No se equivocaron los primeros – Hitler
llevó la guerra absoluta hasta sus últimas consecuencias
cometiendo la locura de enfrentarse simultáneamente a
Inglaterra, los Estados Unidos y la Unión Soviética – ni
tampoco el equipo de psiquiatras de Harvard: se pegó un
tiro y ordenó se le vaciaran varios bidones de gasolina
encima y se le convirtiera en una antorcha celebratoria
de su propio Apocalipsis.
Guardando las debidas distancias, no han
faltado los dictadores y gobernantes de origen
militarista y psicopatologías semejantes a las del
sargento austriaco – tan narcisitas, tan desequilibrados
emocionalmente y tan proclives a segar su vida por
propia mano como él – que han buscado en la guerra la
solución a sus males y ambiciones. Para terminar
aplastados por las locuras que ellos mismos prohijaran.

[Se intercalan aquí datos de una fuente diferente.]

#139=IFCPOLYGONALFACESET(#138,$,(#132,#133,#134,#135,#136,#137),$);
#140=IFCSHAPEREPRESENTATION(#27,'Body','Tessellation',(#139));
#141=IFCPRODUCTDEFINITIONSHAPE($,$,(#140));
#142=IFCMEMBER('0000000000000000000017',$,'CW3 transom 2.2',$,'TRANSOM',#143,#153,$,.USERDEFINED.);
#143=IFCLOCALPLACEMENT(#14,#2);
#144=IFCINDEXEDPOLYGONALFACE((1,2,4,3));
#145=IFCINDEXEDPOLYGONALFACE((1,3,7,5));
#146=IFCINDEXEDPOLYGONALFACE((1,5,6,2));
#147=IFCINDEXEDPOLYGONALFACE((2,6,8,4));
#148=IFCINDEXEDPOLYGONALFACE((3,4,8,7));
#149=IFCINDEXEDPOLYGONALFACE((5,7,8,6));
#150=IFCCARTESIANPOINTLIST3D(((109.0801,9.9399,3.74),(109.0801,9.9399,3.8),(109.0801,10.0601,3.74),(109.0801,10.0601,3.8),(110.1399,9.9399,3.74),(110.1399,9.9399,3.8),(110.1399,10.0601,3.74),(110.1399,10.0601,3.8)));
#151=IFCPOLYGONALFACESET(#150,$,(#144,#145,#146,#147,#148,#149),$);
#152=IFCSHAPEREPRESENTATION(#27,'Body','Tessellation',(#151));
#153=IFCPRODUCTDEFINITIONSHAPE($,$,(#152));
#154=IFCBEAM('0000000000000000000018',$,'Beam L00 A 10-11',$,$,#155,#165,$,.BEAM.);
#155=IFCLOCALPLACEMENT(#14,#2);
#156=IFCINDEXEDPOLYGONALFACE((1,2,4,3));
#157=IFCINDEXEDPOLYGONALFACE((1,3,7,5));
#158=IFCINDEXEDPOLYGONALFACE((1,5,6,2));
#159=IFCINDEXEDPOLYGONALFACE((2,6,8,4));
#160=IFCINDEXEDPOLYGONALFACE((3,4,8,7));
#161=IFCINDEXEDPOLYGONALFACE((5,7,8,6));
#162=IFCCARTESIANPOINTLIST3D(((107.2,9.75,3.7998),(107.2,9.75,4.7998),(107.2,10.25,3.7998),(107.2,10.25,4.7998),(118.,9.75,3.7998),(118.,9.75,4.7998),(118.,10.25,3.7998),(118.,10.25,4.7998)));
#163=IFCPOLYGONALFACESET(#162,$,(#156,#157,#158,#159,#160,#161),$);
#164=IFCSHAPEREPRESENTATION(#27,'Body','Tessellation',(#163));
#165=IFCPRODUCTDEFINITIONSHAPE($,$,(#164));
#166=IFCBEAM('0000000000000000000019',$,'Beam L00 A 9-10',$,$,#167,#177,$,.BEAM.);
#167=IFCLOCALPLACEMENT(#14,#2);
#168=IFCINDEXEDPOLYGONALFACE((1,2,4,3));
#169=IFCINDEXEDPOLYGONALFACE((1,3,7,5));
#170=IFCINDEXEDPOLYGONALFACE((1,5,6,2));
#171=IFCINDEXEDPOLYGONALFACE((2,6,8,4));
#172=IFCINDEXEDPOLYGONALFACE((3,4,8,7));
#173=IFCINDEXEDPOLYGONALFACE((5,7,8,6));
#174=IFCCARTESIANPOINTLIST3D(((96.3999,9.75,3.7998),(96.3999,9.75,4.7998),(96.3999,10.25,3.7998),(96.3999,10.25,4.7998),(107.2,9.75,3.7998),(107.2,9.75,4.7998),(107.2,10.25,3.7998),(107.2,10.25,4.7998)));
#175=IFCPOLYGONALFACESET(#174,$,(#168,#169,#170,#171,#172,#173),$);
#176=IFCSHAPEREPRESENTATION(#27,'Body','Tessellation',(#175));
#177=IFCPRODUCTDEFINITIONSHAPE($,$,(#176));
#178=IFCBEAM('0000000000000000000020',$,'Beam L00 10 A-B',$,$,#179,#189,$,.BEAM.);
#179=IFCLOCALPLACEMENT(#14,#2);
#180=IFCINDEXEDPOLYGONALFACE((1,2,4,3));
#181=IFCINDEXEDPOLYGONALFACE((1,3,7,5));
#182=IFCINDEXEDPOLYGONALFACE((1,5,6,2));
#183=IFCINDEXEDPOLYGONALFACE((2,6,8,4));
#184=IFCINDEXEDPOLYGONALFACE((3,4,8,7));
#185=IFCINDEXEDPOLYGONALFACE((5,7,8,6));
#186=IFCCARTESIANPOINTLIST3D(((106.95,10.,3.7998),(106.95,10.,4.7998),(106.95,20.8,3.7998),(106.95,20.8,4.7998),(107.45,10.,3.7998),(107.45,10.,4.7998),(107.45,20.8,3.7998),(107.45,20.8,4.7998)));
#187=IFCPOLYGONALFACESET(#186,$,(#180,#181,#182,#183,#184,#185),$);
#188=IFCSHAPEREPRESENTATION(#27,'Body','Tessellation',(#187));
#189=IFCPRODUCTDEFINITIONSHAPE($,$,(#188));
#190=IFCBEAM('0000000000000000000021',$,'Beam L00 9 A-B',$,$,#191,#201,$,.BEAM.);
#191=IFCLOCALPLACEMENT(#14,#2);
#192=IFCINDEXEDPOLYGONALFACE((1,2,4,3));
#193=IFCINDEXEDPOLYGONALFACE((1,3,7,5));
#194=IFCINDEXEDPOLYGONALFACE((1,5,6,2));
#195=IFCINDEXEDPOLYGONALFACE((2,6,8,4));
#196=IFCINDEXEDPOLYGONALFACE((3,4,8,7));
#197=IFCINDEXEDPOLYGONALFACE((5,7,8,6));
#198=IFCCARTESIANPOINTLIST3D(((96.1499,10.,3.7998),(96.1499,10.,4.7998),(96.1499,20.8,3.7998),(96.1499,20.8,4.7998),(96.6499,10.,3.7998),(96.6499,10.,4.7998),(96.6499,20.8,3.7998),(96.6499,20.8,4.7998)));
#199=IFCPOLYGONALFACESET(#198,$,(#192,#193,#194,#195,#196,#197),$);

El caso de los dictadores argentinos invadiendo las
Malvinas y saliendo con las tablas en la cabeza todavía
está fresco en nuestra memoria. Castro no hubiera podido
contra la primera potencia mundial, pero si de él
hubiera dependido, no hubiera dudado un segundo en
presionar el botón rojo y desatar una guerra nuclear
sobre Washington y las principales ciudades
norteamericanas. Odió con toda su alma a Kruschev, que
se lo impidió. Y morirá con el rencor de no haber
desatado la hecatombe mundial de sus delirios.
¿Es lo que busca el teniente coronel Hugo
Chávez, agobiado por sus derrotas y acorralado por la
desafección creciente de su pueblo? ¿Pretende con su
alianza estratégica con las narcoguerrillas terroristas
de Colombia crear un foco de tensiones en la región que
culmine en una guerra entre Venezuela y Colombia?
¿Quisiera provocar una invasión de alguna potencia
extranjera para tener un museo militar donde volver a
ocultarse y terminar sus días como Cipriano Castro, al
que acaba de invocar? ¿Prefiere su exterminio en el
fuego del delirio antes que una derrota que lo volvería
a la tierra y lo convertiría en el modesto oficial en
retiro que jamás debió haber dejado de ser?
Los demócratas venezolanos, chavistas y anti
chavistas, se lo preguntan no sin cierto asombro y mucho
de angustia. ¿Quiere Hugo Chávez arrastrarnos al
infierno?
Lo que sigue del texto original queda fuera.